No polymer type of residue like ONR either, which means its not going to mask the hydrophobic qualities or clog up a ceramic coating.


----------



## bio10155

I use Ech2O as a pre-wetting agent before I get into my 2BM w. shampoo. I mainly use it as a super lubricant and for the encapsulation properties on my ceramic coat.


----------



## Yellow Dave

As a waterless wash or rinseless wash, is ech02 as good as optimum no rinse?

Looking at the dilution ratios it doesn’t seem to be as concentrated, but does it perform as well?


----------



## Guest

Yellow Dave said:


> As a waterless wash or rinseless wash, is ech02 as good as optimum no rinse?
> 
> Looking at the dilution ratios it doesn't seem to be as concentrated, but does it perform as well?


Much better product IMO, and a far better and more honest company to support (don't get me started). ONR leaves the panel clean without adding that weird slippery polymer feel that likely effects anything you put on top and ECH2O you can use in direct sunlight on a hot day, no bother.


----------



## Brian1612

I'm not a fan of the haze echo2 leaves behind.

Sent from my SM-G975F using Tapatalk


----------



## Guest

The haze buffs off easy.

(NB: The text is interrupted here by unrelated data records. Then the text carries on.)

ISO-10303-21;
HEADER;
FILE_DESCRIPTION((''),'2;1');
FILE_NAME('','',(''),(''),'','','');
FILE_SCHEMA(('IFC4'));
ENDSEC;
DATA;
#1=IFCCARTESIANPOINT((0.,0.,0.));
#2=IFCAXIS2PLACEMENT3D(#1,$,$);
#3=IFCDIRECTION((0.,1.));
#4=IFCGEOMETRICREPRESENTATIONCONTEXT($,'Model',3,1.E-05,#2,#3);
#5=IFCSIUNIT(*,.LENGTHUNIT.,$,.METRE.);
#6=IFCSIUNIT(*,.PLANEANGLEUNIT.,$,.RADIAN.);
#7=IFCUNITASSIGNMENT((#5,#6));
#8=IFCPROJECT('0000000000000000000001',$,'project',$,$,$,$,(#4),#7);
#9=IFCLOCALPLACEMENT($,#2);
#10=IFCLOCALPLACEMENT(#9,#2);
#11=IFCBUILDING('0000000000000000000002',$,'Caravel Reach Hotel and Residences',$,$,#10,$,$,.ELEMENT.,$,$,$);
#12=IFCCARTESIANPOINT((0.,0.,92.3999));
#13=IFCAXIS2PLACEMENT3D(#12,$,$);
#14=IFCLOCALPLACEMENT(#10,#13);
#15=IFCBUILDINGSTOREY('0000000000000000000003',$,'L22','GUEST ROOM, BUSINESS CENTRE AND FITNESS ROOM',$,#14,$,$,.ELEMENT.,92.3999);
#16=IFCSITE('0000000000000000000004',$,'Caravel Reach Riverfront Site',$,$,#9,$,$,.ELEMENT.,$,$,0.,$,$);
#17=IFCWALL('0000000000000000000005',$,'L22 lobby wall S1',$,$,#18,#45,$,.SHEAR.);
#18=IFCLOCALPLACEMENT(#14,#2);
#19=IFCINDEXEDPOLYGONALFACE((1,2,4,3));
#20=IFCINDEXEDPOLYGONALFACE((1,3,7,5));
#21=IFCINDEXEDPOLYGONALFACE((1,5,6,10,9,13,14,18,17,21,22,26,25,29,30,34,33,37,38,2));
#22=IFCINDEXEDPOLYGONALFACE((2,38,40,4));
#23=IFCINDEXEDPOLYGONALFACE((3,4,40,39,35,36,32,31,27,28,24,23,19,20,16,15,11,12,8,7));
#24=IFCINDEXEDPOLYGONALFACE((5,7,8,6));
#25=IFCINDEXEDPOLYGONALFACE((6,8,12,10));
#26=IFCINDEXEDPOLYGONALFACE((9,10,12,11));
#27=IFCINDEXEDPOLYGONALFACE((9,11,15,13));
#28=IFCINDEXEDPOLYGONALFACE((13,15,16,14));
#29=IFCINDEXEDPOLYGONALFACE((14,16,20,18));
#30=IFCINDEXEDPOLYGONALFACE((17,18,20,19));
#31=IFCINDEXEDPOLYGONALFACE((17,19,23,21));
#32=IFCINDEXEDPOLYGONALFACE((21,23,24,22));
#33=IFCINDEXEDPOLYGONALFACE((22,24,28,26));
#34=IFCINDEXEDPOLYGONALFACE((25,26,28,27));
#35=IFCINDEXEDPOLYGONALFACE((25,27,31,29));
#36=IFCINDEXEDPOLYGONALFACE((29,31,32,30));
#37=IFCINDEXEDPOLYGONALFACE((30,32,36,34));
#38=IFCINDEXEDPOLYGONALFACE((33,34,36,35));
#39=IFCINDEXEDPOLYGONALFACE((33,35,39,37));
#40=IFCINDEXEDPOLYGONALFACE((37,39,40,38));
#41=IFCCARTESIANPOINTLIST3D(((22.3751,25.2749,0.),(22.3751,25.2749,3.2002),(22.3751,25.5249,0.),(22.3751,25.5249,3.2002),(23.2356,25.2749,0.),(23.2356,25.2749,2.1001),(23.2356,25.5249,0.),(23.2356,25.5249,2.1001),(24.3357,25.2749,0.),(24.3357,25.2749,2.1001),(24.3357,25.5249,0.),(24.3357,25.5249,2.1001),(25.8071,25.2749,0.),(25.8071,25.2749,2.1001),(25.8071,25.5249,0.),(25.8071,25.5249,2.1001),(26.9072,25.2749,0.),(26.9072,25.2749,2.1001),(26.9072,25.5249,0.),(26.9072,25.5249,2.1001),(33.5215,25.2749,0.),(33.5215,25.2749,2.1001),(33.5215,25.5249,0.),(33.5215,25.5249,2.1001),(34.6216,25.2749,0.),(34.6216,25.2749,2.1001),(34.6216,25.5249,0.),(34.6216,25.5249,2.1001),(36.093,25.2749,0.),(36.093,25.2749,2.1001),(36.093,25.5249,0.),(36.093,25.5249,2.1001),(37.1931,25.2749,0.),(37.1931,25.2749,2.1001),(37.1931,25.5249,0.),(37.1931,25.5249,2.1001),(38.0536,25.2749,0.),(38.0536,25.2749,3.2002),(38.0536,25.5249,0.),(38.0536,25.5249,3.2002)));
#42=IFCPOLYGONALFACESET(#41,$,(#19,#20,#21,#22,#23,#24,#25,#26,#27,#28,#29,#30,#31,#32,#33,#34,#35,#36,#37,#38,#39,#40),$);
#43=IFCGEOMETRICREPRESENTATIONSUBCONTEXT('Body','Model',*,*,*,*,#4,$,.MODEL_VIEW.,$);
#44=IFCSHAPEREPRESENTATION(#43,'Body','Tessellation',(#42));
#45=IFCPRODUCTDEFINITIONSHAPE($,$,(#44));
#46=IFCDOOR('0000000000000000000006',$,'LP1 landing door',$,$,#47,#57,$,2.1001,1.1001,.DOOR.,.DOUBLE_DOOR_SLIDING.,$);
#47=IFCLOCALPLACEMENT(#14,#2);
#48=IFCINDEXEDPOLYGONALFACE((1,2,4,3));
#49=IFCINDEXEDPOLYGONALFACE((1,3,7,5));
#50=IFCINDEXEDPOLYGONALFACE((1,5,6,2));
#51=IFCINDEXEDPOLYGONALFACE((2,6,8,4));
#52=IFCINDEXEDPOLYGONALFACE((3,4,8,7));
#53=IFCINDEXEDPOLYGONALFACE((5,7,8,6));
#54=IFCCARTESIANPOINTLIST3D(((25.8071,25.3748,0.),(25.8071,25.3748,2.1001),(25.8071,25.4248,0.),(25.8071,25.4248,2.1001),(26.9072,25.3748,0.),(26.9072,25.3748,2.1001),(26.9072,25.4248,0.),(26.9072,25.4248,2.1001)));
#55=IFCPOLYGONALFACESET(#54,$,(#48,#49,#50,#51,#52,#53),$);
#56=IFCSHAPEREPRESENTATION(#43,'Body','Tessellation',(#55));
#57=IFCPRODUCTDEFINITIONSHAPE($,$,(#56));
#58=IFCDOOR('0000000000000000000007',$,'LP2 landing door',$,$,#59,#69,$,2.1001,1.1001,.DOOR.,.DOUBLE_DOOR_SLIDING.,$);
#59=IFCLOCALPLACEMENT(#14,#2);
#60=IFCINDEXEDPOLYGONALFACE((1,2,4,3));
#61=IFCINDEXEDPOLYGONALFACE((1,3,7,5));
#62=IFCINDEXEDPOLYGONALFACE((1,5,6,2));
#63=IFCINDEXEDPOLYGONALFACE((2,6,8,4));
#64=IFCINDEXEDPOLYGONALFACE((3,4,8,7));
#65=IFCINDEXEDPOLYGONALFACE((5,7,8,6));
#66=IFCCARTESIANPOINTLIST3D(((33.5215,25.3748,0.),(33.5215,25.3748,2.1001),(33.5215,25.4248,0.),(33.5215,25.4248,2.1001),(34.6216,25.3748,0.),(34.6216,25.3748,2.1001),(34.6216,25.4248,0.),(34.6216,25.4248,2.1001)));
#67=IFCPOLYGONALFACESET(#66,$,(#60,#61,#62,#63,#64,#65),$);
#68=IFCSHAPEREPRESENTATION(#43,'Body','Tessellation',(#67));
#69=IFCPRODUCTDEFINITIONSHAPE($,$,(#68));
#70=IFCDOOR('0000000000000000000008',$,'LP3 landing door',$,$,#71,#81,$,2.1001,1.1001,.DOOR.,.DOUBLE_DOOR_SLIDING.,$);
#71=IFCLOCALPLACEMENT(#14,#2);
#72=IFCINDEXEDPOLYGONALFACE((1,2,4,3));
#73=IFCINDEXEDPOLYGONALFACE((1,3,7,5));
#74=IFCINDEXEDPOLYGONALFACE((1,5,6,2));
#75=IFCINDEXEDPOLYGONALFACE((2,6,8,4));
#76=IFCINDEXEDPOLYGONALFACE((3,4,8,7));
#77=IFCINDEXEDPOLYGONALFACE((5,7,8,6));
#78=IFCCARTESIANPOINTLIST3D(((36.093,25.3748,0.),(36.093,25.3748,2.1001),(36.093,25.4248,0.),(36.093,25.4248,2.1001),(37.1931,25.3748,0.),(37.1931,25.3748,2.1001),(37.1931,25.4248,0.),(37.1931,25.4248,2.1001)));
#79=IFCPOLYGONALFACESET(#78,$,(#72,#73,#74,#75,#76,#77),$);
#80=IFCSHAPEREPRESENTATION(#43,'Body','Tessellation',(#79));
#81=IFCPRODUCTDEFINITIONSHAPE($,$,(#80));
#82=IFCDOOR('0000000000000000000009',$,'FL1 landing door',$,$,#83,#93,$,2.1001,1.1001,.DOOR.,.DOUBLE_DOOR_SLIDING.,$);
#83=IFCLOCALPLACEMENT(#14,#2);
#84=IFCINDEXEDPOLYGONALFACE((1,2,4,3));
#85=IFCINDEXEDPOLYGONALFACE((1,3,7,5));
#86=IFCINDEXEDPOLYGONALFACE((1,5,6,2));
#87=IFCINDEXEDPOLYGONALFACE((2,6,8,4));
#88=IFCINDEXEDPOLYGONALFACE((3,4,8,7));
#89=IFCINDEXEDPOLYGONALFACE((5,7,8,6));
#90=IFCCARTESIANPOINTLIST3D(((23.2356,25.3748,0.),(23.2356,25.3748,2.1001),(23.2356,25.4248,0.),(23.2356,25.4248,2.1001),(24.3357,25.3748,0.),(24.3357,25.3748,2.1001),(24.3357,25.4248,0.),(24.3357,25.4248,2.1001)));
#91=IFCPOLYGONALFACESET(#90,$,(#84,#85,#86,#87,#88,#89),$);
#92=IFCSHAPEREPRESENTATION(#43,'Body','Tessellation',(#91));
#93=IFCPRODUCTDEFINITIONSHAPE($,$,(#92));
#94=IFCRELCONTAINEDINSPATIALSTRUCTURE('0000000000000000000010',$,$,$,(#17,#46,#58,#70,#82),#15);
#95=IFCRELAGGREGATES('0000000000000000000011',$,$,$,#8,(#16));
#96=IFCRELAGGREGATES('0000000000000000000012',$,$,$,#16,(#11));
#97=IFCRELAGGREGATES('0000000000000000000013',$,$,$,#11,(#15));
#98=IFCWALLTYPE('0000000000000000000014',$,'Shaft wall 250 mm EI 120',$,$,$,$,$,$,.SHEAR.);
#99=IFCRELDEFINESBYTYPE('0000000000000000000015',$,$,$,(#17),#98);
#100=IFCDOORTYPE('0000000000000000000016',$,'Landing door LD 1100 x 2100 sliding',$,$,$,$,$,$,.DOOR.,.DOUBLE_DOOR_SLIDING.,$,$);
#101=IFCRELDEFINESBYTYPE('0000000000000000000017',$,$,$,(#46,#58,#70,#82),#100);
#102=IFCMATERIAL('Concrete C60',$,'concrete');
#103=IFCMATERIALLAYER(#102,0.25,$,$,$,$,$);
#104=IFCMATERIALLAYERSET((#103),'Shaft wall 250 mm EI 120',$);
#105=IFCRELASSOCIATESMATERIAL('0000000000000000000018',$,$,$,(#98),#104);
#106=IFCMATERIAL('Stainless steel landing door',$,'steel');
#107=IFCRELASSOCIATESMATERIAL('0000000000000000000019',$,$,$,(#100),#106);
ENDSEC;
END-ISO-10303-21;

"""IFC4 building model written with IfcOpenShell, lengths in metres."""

from ifc_helpers import new_model, si_unit, direction, frame, frame_2d, origin, place, context, subcontext, project, spatial, rectangle, extrude, material, layer, layer_set, type_object, element, fill, save


model = new_model("IFC4")

# Units and contexts
model_context = context("Model", 3, precision=1e-05, world=origin(), true_north=direction((0.0, 1.0)))
body_context = subcontext(model_context, "Body", "Model", "MODEL_VIEW")
ifc_project = project(units=[si_unit("LENGTHUNIT", "METRE"), si_unit("PLANEANGLEUNIT", "RADIAN")], contexts=[model_context])

# Site, building, storey
site_placement = place(None, origin())
site = spatial("IfcSite", under=ifc_project, at=site_placement, Name="Caravel Reach Riverfront Site", CompositionType="ELEMENT", RefElevation=0.0)
building_placement = place(site_placement, origin())
building = spatial("IfcBuilding", under=site, at=building_placement, Name="Caravel Reach Hotel and Residences", CompositionType="ELEMENT")
storey_placement = place(building_placement, frame((0.0, 0.0, 92.3999)))
storey = spatial("IfcBuildingStorey", under=building, at=storey_placement, Name="L22", Description="GUEST ROOM, BUSINESS CENTRE AND FITNESS ROOM", CompositionType="ELEMENT", Elevation=92.3999)

# Wall, openings, doors
ifc_material_1 = material(Name="Concrete C60", Category="concrete")
ifc_layer_1 = layer(ifc_material_1, 0.25)
ifc_layer_set_1 = layer_set([ifc_layer_1], Name="Shaft wall 250 mm EI 120")
wall_type_1 = type_object("IfcWallType", Name="Shaft wall 250 mm EI 120", PredefinedType="SHEAR", material=ifc_layer_set_1)
wall_1_placement = place(storey_placement, frame((22.375, 25.3999, 0.0), z_axis=(0.0, 0.0, 1.0), x_axis=(1.0, 0.0, 0.0)))
wall_1 = element("IfcWall", 1, at=wall_1_placement, inside=storey, type_object=wall_type_1, Name="L22 lobby wall S1", PredefinedType="SHEAR", context=body_context, shape_type="SweptSolid", body=[
    extrude(rectangle(XDim=15.6785, YDim=0.25, at=frame_2d((7.8394, 0.0))), origin(), (0.0, 0.0, 1.0), 3.2002),
])
opening_1_placement = place(wall_1_placement, frame((3.4321, 0.0, 0.0)))
opening_1 = element("IfcOpeningElement", 2, at=opening_1_placement, cuts=wall_1, PredefinedType="OPENING", context=body_context, shape_type="SweptSolid", body=[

Actually useful if used are a waterless to see coverage. I can see it might be off-putting on a rinseless though.


----------



## ftoed

DannyRS3 said:


> The haze buffs off easy. Actually useful if used are a waterless to see coverage. I can see it might be off-putting on a rinseless though.


I didn't get any haze at rinseless dilution...since i tried ech2o , I've also tried optimum wash and wax rinsless. I know there are many variables with car paint what was on before, even the weather but i thought it was terrible next to the ech2o. Just didn't seem to work well at all.


----------



## Yellow Dave

Not tried it as a rinseless wash yet. But with some light dust spots from a couple of showers and a week of driving i tried ech02 as a waterless wash on a couple of panels and as a clay lube. Been really impressed with its ability to clean and lubricate


----------



## MAUI

aslettd said:


> Have a Google for homemade elexir. 10oz of distilled water, 1oz ech20 and 1 oz reload. A couple of sprays of that on the panel as you dry will be golden. You could try a spray of pure reload as you dry but I think that will clog your drying towels up in no time


Doesn't Elixir have a touch of Hydro2o?


----------



## DIESEL DAVE

ftoed said:


> The carpro ech2o really is good. 30-40 ml in 4 litres of water for the rinseless.


Thats quite a strong dilution rate in comparison with ONR


----------



## sm81

DIESEL DAVE said:


> Thats quite a strong dilution rate in comparison with ONR


Carpro advice: 1:256. Same than ONR has.


----------



## DIESEL DAVE

sm81 said:


> Carpro advice: 1:256. Same than ONR has.


yep 30 ml to 7.68 litres of water


----------



## ftoed

Maybe ive being going a bit strong..still, works well.
I still have my bottle of optimum wash and wax and i tell you what i have used it for, quick detailer, and it is very good, nice waxy sheen to it.


----------